Jack released the chin-strap, and Jasar
sighed in relief, said something that made no kind of sense at all. Amazed,
Jack pulled the helmet clear, held it out to Jasar. "What did you say
then?" he demanded, and the little man grinned tightly, spoke again, and
once more it was nothing but an outlandish garble of noises. Then he slid the
helmet deftly over his head, snapped the strap into place, and grinned again.

"That's better. Understand me now,
eh?"

"I
hear what you say, yes. But I do not understand, at all."

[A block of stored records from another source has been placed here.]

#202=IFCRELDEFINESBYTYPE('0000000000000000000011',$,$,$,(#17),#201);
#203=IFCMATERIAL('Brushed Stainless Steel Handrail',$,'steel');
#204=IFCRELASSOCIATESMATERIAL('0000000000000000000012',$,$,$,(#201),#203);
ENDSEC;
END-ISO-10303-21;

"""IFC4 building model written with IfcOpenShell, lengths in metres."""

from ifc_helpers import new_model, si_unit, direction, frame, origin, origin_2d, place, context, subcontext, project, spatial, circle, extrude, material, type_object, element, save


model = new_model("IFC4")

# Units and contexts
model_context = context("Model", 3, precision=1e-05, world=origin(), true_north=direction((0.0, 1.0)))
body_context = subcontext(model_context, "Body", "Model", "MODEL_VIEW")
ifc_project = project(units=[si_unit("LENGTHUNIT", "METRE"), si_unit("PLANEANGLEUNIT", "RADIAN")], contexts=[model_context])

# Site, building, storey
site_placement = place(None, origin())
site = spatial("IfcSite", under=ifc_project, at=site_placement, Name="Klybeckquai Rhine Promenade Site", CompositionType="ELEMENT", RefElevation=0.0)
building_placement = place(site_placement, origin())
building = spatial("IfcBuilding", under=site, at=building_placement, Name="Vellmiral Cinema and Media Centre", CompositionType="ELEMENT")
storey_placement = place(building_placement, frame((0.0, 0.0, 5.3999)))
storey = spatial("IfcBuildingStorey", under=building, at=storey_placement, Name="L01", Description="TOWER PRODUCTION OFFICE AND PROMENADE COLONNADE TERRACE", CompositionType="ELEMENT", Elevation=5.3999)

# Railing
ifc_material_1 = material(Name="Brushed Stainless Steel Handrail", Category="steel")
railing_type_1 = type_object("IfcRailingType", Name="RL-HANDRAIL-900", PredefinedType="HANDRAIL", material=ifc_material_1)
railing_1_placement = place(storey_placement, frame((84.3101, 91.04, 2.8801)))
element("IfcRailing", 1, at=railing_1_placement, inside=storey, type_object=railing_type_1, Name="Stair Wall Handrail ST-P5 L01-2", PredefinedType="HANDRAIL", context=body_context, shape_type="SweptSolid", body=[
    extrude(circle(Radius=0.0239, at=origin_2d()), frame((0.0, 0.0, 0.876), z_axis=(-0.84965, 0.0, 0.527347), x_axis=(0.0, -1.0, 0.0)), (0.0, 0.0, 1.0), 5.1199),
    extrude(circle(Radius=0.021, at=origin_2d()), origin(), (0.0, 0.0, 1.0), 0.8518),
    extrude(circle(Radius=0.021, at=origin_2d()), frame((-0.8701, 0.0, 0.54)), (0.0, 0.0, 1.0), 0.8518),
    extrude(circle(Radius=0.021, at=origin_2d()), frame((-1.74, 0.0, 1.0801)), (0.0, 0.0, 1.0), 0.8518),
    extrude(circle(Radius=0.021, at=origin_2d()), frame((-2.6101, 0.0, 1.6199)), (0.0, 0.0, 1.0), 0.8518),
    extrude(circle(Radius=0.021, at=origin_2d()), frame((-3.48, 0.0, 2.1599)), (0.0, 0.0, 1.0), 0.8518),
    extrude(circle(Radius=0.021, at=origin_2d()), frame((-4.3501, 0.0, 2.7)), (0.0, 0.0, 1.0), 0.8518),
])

"I can't say I blame you, at that. Ill
tell you, gladly, what actually happens, but don't ask me how it's done. That's
not my field. In the war that I fight there are many nations joined together in
a common cause against a common enemy. We all speak our own ways. Is that something
strange to you?"

"No,"
Jack admitted. "I have heard that Frenchmen talk in a way we do not. Earl
Dudley, and indeed all the barons and the Court, so I have heard, are able to
talk that speech, and understand it
Some
, indeed, can
understand the speechmaking of the infidel Saracen!"

"You're
no stranger to different languages, that's the point. And it's obvious, isn't
it, that you can't work very well with a man, if you can't understand what he
says, right? So our
...
scientists—wizards
to you, I imagine— managed to design a computing circuit, a kind of brain, that
analyzes the concept and vocal pattern frequencies of any speech, given a
sufficient sample, and converts one to the other." Jack must have looked
as blank as he felt, for the little man sighed, hunched his shoulders. "I
can't put it any simpler. It hears any humanoid speech and translates it into
mine, then converts my speech back into the other, which is transmitted from
here," and he touched the forehead part of the helmet. "No?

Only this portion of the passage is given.